With EnergyPlus^TM [17] software, the annual dynamic behavior of the building was simulated before the renovation, after the application of the multilayer package consisting of the SFRM coating and the chosen thermal coating, and finally after the further replacement of the windows. An ideal loads air system with a heating thermostat set-point was used to calculate the annual heating energy needs and to evaluate the behavior of the building in summer.

5.2.1. Numerical Modelling

The building was schematized as in Figure 13. Three zones were created: only the central body of the building was heated, while the roof space and the basement were considered unheated zones.

The settings used for simulations in EnergyPlus^TM [17] were:

• typical meteorological year 2005–2014 for L’Aquila extracted from EU Photovoltaic Geographical Information System [44];
• constant temperature of the surfaces in contact with the ground, equal to 18 °C;
• internal gains equal to 450 W in the zone Z1, as stated from UNI/TS 11300-1:2014 [45];
• air changes per hour equal to 0.5 h⁻¹ in the zone Z1, as stated form UNI/TS 11300-1:2014 [45];
• temperature between 20 °C and 40 °C (thermostat constant heating and cooling set-points) to model an ideal heating system and no cooling system;
• calculation timesteps of 15 min.

5.2.2. Results and Discussion of the Thermal Analysis

The energy needs of this building during the year are shown in Figure 14, and the total values are summarized in

Table 8. The energy needs and energy savings of the building with respect to the original configuration.

	Original	With Coating	With Coating + New Windows
Energy needs, kWh/(m2 y)	87.23	72.28	61.69
Savings, %	---	17.1%	29.3%

. It can be observed that the seismic and energy retrofitting of the vertical walls reduces the energy needs by 17.1%. If the replacement of the windows is added, the savings rise to 29.3%.

Regarding the summer performances, Figure 15 shows that the retrofitting intervention modifies the operative temperature profile, which appears to be lower after the addition of the coating.
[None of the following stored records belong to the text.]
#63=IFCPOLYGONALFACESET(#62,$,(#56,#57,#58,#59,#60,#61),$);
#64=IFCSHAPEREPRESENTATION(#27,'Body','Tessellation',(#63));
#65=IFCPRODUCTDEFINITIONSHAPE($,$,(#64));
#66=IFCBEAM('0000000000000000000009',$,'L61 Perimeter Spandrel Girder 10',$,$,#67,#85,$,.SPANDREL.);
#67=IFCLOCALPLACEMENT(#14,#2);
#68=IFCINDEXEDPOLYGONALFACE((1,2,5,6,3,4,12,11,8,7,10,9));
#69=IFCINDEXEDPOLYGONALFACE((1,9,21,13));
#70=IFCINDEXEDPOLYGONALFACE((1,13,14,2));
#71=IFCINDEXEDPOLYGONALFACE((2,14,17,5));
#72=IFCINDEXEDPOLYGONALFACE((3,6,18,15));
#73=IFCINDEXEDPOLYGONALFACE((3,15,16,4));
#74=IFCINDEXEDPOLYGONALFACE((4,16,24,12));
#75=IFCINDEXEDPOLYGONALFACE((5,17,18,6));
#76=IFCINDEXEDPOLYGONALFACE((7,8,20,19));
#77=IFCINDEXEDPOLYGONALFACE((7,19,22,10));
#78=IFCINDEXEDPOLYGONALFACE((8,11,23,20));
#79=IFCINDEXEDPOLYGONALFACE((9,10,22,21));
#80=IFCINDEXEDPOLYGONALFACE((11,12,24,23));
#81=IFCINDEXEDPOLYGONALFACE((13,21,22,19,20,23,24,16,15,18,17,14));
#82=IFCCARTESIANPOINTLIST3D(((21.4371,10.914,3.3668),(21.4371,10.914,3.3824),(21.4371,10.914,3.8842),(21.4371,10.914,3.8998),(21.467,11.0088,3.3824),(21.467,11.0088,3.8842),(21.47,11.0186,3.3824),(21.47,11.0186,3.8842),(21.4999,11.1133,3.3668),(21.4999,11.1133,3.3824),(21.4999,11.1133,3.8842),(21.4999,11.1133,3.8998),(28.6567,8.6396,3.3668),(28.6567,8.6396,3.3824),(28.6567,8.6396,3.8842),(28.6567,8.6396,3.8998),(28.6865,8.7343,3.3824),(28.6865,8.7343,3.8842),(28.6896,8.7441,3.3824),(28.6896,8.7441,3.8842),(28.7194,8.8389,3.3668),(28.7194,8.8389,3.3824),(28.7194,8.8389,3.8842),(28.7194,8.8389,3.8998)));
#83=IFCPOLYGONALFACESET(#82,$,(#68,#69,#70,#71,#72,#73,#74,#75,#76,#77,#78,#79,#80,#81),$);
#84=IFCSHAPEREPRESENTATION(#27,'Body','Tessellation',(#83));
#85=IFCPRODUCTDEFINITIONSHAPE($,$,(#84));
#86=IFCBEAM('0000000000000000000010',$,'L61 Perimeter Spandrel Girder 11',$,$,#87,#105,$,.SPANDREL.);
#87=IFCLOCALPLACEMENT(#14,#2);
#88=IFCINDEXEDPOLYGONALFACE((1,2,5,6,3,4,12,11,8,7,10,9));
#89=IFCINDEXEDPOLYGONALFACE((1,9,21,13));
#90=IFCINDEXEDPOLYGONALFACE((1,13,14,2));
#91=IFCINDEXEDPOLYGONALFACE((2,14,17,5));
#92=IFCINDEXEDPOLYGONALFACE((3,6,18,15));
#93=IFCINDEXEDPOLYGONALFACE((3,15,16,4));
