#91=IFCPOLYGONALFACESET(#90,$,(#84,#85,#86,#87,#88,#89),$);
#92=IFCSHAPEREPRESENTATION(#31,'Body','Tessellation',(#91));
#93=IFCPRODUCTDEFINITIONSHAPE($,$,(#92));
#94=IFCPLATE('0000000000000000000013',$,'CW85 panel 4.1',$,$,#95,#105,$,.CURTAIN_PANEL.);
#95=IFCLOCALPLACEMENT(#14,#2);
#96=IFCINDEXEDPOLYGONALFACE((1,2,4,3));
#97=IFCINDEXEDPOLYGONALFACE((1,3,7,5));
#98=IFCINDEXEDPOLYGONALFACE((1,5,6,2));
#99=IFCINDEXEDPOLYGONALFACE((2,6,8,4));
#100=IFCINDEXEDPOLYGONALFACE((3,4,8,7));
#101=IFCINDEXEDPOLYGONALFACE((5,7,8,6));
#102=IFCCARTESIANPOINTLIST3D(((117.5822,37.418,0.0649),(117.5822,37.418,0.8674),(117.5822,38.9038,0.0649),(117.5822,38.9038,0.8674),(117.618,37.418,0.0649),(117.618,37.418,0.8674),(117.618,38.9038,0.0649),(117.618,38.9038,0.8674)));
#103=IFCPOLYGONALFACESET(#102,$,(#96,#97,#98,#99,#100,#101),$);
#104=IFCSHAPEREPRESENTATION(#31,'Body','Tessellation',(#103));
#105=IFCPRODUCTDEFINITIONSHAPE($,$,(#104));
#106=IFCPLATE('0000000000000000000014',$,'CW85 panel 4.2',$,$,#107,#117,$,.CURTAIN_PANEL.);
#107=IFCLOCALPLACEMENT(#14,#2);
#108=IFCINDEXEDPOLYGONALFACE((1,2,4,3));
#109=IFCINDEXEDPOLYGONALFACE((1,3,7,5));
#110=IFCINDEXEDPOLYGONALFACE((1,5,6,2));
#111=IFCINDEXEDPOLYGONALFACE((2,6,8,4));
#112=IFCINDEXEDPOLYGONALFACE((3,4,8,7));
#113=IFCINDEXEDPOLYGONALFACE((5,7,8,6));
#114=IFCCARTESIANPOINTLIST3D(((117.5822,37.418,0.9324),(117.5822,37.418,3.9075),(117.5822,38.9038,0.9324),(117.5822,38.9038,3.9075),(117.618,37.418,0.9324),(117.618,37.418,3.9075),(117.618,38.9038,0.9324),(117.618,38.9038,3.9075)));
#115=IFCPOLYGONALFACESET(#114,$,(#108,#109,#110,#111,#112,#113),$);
A further benefit in terms of maximum operative temperature reduction, particularly in daytime, can be obtained by replacing single glazing with better-performing windows.

6. Conclusions

An integrated synergistic structural and energy upgrading system, especially designed for masonry buildings, was presented and discussed in this paper. The proposed technique combines a rather light and effective layer of SFRC mortar and an insulation layer; both applied only on the external masonry surfaces of buildings.

Some experimental evidence on the efficiency under a structural level was described first. The energy analyses of different insulation layers were therefore characterized in combination with the structural coating. An actual case study regarding a small building was finally proposed, and the benefits, both in terms of structural safety and energy savings, were depicted.

It can be certainly concluded that the idea of a combined retrofitting of masonry buildings, by implementing a structural and an insulation layer, applied only on the outer vertical surfaces to limit the occupant discomforts, is a promising and ready-to-use technique. The seismic performance is extremely improved, and the corresponding collapse mechanisms are postponed.

After evaluating the low effect of point thermal bridges due to layer connectors, it is estimated that the addition of the coating reduces the energy needs in winter and the peak operative temperature in summer. The replacement of poor-performing windows is strongly recommended in this case to fully exploit the potential of the retrofitting measures.

As proved by others [15,46], the use of an integrated retrofitting solution, such as that proposed herein, is generally able to minimize the economic losses since the initial investment is paid back faster. Future work will be devoted to the investigation of the economic efficiency of the proposed retrofitting method applied to buildings placed in different geographic areas.